Friday, January 17, 2020

Resurrecting the Unrighteous

When Jesus comes back, what happens?

If you listen to the preaching, something like this: Jesus comes back and all the righteous persons are taken to Heaven with Him while all the unrighteous sinners are thrown into hell. Those who have died are resurrected to be with Him, but those who perished in their sin know nothing of it. All the preaching on the afterlife has been tailored to this point - you want to be among the resurrected. You want, in the end, to be one of the righteous persons to whom Jesus restores life.

Except that's not what the Bible says. The Bible says that the resurrection? It's for the righteous and for the unrighteous.

That's right. Jesus is bringing us all back.

When Paul stands before Felix and presents his case, he says as much. He says, "I hope for the same thing my accusers do, that people with God's approval and those without it will come back to life." (Acts 24:15)

Now, wait a minute. We just want Jesus to bring back unrighteous sinners long enough for them to see how wrong they were and to recognize the fiery pits of hell as they are thrown into them, right?

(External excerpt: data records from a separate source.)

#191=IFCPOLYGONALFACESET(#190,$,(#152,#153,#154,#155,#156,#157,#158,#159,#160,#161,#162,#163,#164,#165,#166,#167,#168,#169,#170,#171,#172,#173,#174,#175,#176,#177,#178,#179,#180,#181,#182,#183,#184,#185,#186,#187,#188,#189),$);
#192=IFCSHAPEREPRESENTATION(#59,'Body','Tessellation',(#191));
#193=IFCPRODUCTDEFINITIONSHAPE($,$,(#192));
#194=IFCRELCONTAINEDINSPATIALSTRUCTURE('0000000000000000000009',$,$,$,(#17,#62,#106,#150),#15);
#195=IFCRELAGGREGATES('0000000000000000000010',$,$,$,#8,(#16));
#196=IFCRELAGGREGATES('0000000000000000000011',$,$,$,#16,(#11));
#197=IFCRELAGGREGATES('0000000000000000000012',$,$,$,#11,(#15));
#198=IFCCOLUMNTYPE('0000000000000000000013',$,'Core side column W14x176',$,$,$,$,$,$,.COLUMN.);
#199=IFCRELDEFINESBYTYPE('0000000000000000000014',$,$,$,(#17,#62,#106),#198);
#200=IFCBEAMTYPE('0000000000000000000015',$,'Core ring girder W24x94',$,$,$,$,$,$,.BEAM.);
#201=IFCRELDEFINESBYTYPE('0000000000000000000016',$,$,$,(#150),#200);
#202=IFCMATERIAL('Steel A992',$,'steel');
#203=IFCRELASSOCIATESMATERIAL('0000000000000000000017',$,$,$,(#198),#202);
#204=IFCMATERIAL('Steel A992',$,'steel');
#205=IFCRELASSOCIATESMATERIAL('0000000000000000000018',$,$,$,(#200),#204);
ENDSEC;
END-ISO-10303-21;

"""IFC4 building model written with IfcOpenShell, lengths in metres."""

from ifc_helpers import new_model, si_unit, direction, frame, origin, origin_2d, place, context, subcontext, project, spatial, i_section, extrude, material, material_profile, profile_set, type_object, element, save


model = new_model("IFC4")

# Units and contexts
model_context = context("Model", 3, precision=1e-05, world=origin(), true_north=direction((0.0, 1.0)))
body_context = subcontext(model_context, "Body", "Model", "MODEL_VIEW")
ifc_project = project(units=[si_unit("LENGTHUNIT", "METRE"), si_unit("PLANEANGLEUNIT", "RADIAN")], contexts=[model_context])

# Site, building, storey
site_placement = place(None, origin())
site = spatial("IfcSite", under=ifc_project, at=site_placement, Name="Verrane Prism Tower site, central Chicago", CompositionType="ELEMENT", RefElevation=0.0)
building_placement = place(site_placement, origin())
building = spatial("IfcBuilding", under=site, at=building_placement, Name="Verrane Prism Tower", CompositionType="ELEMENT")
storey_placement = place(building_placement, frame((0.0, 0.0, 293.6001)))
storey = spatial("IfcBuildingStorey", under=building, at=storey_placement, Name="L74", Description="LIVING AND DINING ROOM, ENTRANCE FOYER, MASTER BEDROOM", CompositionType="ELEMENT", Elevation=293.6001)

That's what it's all about - it's about making sure that sinners know, forever, that they were sinners and they were wrong. It's about judgment and punishment and setting things right in this broken world.

Eh...not exactly.

See, as vindictive and judgmental as we are, and as adamant as we know God is about righteousness, there is not one place in all of Scripture where God says, "I can't wait to destroy all of those sinners! I'm looking forward to the day when I can throw them all into the pits of hell and be done with them! Oh, boy, you better watch out because I am super-excited to show them all how completely wrong they were and watch their eyes widen with fear as they see that fire approaching!"

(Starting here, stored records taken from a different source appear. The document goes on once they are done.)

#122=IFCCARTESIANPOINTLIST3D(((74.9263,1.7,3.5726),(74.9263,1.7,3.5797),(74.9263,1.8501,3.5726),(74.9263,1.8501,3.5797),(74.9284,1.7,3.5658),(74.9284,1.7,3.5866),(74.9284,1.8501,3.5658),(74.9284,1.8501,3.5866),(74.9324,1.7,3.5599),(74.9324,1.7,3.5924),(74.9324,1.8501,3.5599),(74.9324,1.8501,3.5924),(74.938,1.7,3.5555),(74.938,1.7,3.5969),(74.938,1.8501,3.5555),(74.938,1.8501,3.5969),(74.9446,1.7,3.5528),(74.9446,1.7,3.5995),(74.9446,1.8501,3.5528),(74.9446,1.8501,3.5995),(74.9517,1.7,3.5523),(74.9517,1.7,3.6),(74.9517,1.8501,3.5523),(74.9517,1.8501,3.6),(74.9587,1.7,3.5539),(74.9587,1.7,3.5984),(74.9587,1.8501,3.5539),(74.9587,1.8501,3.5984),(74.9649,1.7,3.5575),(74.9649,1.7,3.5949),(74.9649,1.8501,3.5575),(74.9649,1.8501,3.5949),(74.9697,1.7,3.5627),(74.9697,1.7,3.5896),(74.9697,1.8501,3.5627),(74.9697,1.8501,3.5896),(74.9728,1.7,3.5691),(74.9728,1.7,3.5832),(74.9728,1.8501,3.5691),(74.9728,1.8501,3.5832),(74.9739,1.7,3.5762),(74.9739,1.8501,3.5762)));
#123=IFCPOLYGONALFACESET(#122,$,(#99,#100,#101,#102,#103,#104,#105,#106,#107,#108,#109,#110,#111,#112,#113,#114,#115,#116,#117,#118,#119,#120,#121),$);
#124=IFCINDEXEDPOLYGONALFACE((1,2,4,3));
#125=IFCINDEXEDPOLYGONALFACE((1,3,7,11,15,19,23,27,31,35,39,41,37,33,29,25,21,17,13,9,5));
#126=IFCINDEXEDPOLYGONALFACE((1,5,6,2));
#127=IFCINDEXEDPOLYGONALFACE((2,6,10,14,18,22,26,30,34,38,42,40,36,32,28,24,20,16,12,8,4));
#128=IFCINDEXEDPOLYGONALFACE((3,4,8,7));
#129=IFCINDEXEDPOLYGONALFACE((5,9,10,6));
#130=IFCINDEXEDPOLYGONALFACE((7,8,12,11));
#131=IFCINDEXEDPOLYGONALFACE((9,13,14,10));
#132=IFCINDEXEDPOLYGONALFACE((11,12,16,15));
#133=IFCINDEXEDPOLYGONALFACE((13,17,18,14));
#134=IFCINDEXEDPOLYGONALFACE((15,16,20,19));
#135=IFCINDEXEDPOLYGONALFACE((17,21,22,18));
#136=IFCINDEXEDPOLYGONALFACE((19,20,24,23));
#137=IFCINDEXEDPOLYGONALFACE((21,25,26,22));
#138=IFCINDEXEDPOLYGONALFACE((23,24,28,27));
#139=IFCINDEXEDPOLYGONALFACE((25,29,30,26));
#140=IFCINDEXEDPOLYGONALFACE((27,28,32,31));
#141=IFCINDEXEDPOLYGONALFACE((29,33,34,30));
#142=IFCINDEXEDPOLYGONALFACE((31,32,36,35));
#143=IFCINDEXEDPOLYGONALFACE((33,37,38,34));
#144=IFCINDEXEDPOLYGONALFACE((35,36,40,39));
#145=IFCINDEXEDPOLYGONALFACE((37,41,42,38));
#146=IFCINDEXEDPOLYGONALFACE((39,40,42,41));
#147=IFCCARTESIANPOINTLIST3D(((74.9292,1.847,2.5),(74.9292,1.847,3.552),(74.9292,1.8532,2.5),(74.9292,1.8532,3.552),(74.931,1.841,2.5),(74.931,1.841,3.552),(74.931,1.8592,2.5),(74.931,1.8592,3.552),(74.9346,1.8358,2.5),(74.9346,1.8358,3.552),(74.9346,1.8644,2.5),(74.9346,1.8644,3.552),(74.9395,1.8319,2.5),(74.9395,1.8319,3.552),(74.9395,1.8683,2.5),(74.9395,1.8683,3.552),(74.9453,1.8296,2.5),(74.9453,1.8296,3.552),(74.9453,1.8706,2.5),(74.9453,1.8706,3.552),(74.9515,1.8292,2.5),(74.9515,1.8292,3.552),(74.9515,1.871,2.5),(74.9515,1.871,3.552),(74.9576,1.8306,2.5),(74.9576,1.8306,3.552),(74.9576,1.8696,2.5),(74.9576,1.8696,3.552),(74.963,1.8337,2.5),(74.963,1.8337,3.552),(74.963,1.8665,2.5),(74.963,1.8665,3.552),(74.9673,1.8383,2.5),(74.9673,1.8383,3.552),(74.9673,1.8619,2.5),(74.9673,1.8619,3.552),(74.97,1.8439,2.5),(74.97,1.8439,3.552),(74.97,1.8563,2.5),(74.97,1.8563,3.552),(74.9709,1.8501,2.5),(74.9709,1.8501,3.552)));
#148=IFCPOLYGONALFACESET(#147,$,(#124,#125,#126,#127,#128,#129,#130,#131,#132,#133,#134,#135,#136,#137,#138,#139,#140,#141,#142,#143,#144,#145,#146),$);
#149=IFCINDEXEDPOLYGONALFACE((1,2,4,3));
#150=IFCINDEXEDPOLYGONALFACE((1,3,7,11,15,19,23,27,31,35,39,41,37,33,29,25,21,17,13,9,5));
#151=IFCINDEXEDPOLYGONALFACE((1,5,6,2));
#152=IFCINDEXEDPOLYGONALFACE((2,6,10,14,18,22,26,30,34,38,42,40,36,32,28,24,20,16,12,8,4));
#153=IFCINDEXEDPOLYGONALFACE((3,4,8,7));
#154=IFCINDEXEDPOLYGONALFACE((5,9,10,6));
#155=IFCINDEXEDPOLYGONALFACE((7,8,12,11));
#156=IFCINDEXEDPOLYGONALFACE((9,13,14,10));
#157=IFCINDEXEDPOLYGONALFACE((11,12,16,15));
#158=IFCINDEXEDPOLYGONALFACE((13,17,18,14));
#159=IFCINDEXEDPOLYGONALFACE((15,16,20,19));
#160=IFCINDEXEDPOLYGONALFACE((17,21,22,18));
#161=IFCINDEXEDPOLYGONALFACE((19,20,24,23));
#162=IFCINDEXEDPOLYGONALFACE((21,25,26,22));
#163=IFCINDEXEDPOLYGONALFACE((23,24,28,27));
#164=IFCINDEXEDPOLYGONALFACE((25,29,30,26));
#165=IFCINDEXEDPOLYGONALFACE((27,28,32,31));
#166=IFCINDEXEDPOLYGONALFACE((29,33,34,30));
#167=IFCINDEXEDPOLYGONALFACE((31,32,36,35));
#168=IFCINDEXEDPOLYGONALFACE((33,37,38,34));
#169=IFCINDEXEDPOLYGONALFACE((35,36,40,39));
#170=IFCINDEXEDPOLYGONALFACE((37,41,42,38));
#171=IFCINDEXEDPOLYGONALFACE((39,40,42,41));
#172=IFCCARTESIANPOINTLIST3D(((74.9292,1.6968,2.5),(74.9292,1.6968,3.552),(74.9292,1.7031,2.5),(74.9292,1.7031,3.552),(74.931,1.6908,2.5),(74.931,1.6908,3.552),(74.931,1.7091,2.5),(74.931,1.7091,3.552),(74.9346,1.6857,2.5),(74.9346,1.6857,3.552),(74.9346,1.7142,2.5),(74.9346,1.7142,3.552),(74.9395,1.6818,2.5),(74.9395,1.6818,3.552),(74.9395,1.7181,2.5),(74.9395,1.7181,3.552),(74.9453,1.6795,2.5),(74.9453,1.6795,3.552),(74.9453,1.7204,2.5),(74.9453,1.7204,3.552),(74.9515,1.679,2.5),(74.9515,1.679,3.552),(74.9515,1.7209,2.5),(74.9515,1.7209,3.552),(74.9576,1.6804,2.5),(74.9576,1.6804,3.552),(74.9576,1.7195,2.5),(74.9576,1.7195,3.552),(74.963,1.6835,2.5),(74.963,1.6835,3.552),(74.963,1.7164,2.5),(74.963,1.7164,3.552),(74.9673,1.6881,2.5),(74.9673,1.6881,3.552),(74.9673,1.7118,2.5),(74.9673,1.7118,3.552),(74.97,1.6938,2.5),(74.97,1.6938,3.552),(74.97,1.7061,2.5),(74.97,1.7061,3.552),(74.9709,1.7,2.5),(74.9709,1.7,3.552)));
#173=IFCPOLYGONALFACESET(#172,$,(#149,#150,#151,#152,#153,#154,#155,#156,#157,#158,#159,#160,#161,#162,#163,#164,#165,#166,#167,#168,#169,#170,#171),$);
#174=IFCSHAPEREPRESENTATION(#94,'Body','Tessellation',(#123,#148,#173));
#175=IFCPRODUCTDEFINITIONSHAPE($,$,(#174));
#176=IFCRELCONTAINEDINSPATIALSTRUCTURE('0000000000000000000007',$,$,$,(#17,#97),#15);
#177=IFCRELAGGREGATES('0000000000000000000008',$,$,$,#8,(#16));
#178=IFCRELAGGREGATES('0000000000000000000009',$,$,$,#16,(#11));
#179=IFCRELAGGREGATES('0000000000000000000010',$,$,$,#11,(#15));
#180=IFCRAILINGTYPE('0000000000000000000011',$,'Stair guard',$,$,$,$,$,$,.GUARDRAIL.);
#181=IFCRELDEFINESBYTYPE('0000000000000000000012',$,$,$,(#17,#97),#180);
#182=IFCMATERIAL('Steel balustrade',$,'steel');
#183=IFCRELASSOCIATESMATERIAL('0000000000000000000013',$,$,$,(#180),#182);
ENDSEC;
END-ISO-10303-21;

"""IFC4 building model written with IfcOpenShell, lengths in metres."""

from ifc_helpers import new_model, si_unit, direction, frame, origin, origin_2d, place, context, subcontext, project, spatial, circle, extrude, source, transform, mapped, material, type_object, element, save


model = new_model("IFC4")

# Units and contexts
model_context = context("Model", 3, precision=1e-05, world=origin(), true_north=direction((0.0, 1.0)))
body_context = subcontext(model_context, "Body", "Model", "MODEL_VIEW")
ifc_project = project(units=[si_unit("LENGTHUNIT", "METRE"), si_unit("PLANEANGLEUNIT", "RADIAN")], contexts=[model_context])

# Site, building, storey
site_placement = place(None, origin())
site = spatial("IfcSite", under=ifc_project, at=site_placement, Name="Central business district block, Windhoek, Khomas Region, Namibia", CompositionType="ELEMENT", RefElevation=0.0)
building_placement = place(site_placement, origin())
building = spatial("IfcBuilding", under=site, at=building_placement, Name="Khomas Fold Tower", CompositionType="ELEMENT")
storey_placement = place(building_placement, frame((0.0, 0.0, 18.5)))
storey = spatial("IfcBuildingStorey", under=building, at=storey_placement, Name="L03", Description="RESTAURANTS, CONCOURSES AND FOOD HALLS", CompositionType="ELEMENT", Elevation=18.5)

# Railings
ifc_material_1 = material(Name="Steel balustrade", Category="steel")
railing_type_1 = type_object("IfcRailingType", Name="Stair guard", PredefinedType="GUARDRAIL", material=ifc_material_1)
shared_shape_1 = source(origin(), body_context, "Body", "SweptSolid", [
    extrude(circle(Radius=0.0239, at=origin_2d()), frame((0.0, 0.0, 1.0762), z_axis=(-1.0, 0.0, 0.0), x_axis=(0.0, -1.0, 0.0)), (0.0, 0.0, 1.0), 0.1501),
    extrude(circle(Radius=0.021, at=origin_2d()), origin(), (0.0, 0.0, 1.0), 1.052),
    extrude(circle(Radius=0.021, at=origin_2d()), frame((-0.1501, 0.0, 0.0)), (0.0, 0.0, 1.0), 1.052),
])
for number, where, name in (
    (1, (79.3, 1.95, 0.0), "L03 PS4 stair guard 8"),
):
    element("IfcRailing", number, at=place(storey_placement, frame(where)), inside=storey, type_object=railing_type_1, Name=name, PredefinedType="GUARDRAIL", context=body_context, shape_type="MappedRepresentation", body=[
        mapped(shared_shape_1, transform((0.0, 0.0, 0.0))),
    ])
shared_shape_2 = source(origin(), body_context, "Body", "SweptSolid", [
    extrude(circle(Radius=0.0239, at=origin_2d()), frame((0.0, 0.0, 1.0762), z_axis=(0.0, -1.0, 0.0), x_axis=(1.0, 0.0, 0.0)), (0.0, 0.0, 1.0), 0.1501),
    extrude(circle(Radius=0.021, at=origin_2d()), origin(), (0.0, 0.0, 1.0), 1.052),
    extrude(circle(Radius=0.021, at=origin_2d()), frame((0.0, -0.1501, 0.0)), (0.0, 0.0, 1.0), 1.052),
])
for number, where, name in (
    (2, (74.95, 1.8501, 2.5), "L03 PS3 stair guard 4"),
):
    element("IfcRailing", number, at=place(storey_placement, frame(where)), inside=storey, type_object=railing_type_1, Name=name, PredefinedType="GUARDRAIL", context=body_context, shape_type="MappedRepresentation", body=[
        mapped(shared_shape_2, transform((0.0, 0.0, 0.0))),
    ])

God's just not, and never has been, as vindictive as we are.

In fact, when we do see Him destroying the unrighteous, what we see, every time, is how broken-hearted He is over it. He mourns over Sodom and Gomorrah; He doesn't dance on the ashes. He grieves the loss of creation in the flood; He doesn't relish it. It's not the way it was supposed to go. It's not the kind of God He wants to have to be.

And it's not the kind of God He is.

When you read Revelation, it talks about how God is going to give each one of us a new name. He's going to reveal to us who we really are, who we've always been, who He created us to be by calling us by the name that He's given us. And then, He's going to open the Book of Life and show us the names written there, and you know what? I think that book is full of our new names. I think that book is full of the persons God created us to be, not the broken human beings that we are. I think our sins are cast off into the lake of fire and we are restored into our perfect creation, who we were always meant to be. I think when God tells us our story, when He reads from that Book, what He recounts are all the moments that we were who He created us to be, when we were the best version of us. Something sacred. Something holy. Something in His image.

And that's what He's always wanted. To see us like that. For the righteous, those stories will perhaps be long ones. For the unrighteous, much shorter. For the righteous, there is little to be chipped away and thrown into the fire. For the unrighteous, painfully much more. Some will see those little imperfections they've always hated about themselves burned up forever. Others will feel the fire as almost everything they've ever been is burned away. Some of us take more refining than others.

But we all get a chance at a new life. At least, that's the hope. That's Paul's hope, and he says it's always been the hope of God's people. That those with God's approval and those without it would be given new life.

And that, he says, is what enables him to always do his best by God and by people. Because he's not busy judging them, but rather, very busy hoping for them. Hoping for their new life.

What if we could do the same? What if, instead of being a vindictive people, instead of judging the world by righteousness and unrighteousness (out of our own self-righteousness, ironically), we were a hopeful people? If you truly believed that one day, everyone would be given a new life before God and we could see the best version of them, the person that God created them to be, the image-bearer that was always in there, don't you think you'd do better by people? Don't you think you'd do your best by them?